ECLI:NL:HR:2014:3330

Hoge Raad

Datum uitspraak
21 november 2014
Publicatiedatum
20 november 2014
Zaaknummer
14/04016
Instantie
Hoge Raad
Type
Uitspraak
Procedures
  • Cassatie
Rechters
Vindplaatsen
  • Rechtspraak.nl
AI samenvatting door LexboostAutomatisch gegenereerd

Niet-ontvankelijkheid van het beroep in cassatie wegens gebrek aan gronden

In deze zaak heeft de Hoge Raad op 21 november 2014 uitspraak gedaan in het beroep in cassatie van belanghebbende tegen een eerdere uitspraak van de Rechtbank Noord-Holland.

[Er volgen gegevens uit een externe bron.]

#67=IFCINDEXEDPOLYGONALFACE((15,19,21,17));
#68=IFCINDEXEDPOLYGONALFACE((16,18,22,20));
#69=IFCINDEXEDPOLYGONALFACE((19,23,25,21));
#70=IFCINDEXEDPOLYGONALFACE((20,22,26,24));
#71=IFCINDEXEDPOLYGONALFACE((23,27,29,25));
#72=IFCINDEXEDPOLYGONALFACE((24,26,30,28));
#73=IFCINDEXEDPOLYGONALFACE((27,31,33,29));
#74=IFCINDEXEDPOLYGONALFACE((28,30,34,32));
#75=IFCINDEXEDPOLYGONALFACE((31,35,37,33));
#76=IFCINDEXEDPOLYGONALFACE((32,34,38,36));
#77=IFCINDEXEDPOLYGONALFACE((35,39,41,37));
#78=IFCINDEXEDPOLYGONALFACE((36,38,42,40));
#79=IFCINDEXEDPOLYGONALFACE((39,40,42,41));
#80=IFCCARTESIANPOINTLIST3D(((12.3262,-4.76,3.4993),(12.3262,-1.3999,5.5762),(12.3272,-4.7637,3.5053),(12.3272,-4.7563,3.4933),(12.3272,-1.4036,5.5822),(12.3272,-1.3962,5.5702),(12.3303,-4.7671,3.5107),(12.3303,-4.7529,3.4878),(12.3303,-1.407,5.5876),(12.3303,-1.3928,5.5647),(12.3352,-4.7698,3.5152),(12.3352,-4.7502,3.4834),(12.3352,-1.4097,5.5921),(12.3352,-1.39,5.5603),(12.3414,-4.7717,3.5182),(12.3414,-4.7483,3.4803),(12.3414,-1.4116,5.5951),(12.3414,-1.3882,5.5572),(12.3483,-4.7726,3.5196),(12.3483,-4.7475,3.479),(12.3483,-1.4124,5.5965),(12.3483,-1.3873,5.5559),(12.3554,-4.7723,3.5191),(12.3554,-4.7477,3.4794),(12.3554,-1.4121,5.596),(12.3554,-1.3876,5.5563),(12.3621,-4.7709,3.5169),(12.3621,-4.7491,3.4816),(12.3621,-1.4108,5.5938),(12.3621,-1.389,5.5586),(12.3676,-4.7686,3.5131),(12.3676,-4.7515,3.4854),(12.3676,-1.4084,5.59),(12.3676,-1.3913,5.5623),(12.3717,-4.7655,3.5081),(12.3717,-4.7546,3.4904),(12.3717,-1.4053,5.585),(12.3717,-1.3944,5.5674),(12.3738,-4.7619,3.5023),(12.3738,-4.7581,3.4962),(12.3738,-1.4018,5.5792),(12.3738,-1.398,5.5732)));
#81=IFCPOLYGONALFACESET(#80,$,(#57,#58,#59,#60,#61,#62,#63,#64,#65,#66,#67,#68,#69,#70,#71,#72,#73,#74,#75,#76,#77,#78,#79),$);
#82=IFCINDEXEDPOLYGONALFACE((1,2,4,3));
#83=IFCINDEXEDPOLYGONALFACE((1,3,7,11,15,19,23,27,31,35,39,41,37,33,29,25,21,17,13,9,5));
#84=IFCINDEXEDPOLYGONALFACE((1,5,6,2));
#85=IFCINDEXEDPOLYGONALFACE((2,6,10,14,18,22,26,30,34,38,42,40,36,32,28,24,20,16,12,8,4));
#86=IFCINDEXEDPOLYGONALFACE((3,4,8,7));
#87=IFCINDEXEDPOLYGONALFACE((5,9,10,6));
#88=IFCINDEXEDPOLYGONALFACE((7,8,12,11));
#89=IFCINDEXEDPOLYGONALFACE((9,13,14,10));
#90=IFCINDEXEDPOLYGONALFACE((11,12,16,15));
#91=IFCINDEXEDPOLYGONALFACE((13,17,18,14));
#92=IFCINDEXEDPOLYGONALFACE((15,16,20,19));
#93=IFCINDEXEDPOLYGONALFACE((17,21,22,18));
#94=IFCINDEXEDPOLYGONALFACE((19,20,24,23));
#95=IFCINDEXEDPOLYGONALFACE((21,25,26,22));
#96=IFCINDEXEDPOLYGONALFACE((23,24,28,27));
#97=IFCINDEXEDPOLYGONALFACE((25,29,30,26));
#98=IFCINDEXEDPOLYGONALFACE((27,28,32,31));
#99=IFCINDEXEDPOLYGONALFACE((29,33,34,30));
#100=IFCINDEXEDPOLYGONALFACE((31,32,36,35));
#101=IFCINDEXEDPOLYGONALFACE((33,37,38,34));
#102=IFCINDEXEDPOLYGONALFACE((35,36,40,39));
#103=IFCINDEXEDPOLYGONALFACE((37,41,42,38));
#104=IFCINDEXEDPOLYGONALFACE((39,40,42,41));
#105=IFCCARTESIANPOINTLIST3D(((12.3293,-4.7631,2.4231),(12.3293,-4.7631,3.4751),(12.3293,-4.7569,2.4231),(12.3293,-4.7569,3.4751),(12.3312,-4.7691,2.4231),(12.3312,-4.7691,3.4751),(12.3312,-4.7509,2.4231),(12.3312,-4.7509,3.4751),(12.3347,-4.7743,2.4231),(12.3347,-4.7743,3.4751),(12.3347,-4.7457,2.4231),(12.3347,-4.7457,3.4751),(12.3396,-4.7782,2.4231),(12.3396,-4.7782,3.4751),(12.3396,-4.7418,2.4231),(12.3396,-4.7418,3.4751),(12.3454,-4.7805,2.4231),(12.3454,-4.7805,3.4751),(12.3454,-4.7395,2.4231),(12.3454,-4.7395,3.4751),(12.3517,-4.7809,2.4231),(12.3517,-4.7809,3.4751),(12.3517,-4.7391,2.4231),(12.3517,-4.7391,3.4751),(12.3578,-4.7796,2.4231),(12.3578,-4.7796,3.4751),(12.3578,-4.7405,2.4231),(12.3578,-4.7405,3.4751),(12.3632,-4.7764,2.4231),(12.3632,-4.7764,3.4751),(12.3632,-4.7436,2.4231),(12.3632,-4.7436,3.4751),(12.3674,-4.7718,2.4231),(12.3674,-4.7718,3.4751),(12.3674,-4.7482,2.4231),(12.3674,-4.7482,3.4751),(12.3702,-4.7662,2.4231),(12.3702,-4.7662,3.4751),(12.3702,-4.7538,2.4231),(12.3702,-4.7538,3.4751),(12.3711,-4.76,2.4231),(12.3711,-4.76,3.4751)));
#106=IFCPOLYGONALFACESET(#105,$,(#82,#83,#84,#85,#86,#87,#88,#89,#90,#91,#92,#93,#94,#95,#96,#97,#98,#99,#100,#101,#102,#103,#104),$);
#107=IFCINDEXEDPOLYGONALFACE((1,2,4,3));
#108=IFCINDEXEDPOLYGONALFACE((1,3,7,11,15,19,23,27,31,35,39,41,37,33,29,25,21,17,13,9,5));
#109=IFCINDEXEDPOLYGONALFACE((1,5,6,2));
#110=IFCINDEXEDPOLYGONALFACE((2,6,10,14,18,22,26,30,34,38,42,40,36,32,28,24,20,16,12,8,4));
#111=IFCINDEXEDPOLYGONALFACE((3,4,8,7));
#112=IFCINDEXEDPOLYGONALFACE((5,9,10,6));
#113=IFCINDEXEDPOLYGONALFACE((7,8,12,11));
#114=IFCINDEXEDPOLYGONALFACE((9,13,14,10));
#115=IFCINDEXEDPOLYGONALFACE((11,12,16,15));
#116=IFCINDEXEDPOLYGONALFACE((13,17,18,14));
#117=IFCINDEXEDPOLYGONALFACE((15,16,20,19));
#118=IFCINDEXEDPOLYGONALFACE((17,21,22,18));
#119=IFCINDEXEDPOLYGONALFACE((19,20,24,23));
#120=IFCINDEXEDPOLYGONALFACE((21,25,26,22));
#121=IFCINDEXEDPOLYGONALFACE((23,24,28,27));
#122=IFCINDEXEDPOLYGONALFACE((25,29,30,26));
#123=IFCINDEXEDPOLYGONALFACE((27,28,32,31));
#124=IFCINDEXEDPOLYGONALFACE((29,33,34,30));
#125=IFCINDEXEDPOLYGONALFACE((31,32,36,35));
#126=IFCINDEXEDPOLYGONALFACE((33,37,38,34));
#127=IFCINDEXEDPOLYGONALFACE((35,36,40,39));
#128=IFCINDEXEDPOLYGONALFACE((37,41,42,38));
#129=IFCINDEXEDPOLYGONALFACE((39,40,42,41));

De Rechtbank had op 26 juni 2014 uitspraak gedaan in een verzet tegen een naheffingsaanslag in de motorrijtuigenbelasting over de periode van 7 september 2011 tot en met 6 september 2012. Het beroep in cassatie werd ingediend, maar het beroepschrift bevatte niet de benodigde gronden van het beroep.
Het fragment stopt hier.